A sessão foi conduzida pelo presidente da Casa, Davi Alcolumbre (União Brasil-AP), e não contou com registro nominal de votos. Apesar do amplo apoio, quatro senadores se posicionaram contra a medida: Eduardo Girão (Novo-CE), Oriovisto Guimarães (PSDB-PR), Cleitinho (Republicanos-MG) e Magno Malta (PL-ES).

De acordo com a Procuradoria-Geral da República, o impacto orçamentário das medidas está estimado em R$ 242,8 milhões apenas em 2026, podendo alcançar R$ 1,6 bilhão até 2028. O relator em plenário, Randolfe Rodrigues (PT-AP), afirmou que o reajuste não deve impactar diretamente a Lei Orçamentária Anual (LOA) de 2026.

Reajustes escalonados e justificativas

No caso do MPU e do CNMP, o aumento será aplicado de forma parcelada em três etapas sucessivas, a partir de julho deste ano, com reajustes anuais de 8% até 2028. A medida abrange cargos efetivos, comissionados e funções gratificadas, com impacto estimado em R$ 227 milhões.

Segundo a justificativa apresentada pela PGR, o objetivo é manter a simetria entre as carreiras do Ministério Público e do Judiciário, além de recompor perdas inflacionárias e garantir maior capacidade de atração e retenção de servidores qualificados.

Já na Defensoria Pública da União, a reestruturação das carreiras administrativas terá impacto anual de cerca de R$ 5,8 milhões, condicionado à disponibilidade orçamentária e ao cumprimento das regras fiscais.

Ampliação no CNJ

O projeto aprovado para o CNJ também prevê a criação de 240 novos cargos, com implementação gradual até 2028. A distribuição inclui 50 vagas para analistas judiciários, 70 para técnicos, além de 20 cargos em comissão e 100 funções comissionadas.
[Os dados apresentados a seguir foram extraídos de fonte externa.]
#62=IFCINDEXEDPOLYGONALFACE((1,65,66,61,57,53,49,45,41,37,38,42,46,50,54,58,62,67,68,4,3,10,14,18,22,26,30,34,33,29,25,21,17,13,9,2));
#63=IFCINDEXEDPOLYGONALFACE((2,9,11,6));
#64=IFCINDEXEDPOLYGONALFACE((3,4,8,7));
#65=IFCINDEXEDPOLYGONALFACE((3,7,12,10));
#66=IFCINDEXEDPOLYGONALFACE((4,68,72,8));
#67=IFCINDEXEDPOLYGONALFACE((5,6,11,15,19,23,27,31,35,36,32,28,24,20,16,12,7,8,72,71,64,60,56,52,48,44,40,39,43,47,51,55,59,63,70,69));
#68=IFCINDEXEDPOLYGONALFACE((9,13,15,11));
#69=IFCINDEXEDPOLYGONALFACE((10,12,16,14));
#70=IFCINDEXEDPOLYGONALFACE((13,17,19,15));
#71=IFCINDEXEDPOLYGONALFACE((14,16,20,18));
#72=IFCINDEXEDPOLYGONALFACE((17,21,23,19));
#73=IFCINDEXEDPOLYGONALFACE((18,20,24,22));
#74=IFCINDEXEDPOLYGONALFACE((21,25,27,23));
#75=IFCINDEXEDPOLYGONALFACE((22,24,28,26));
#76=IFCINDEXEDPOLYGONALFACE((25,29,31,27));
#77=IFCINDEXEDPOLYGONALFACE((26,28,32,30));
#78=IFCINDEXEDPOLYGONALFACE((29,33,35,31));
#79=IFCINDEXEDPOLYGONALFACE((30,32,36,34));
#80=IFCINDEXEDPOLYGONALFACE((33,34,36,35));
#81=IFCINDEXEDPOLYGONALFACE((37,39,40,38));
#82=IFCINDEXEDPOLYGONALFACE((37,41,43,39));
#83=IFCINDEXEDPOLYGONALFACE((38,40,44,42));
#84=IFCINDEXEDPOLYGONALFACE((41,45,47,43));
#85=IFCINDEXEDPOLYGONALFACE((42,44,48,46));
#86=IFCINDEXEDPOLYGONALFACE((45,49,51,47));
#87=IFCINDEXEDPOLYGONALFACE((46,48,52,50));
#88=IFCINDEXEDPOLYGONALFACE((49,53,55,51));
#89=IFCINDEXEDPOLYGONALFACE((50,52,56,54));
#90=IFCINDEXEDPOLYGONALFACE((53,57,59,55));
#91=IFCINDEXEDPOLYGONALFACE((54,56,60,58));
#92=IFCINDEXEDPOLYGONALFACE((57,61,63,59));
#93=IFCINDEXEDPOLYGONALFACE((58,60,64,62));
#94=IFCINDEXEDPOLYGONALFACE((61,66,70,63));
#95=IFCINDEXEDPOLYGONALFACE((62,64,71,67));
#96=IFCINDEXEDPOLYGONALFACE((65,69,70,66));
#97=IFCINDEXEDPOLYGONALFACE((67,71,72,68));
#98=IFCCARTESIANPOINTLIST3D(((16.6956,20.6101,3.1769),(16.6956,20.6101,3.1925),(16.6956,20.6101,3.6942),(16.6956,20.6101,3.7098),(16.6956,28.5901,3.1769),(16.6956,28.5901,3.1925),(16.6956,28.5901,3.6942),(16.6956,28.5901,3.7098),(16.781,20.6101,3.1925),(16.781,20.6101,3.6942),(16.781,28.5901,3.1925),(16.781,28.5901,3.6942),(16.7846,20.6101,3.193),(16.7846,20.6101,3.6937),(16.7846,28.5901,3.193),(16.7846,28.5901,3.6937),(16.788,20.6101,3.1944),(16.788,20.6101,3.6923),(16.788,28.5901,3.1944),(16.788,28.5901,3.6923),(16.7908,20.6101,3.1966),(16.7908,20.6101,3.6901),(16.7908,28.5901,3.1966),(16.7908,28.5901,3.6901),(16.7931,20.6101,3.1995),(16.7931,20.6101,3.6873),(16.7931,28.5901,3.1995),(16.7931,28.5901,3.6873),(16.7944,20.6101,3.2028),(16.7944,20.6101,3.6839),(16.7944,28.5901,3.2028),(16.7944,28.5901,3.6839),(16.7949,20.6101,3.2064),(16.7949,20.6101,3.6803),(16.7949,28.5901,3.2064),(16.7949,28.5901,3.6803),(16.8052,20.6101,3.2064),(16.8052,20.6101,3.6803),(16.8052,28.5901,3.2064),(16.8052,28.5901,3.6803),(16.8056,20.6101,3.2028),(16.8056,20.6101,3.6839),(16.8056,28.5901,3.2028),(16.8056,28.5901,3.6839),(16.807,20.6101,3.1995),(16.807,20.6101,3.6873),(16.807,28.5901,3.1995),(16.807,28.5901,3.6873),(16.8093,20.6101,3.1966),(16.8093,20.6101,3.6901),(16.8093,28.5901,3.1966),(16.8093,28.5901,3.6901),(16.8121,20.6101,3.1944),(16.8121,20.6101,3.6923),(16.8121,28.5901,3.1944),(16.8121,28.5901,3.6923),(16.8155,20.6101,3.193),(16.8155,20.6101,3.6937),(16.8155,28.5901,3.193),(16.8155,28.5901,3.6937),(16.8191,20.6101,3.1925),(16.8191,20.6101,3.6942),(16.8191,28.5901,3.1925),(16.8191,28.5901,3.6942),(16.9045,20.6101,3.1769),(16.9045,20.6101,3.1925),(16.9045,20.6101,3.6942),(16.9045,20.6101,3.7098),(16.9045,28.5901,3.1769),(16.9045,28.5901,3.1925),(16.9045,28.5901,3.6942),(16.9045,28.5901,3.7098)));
Relator da proposta, o senador Fernando Farias (MDB-AL) argumentou que o crescimento das atribuições do conselho não foi acompanhado pela ampliação proporcional do quadro de pessoal, o que justificaria o reforço estrutural.

A aprovação ocorre em um contexto de pressão por equilíbrio fiscal e debates sobre o tamanho da máquina pública, tema que deve ganhar ainda mais destaque com a tramitação do orçamento e as discussões sobre responsabilidade fiscal nos próximos anos.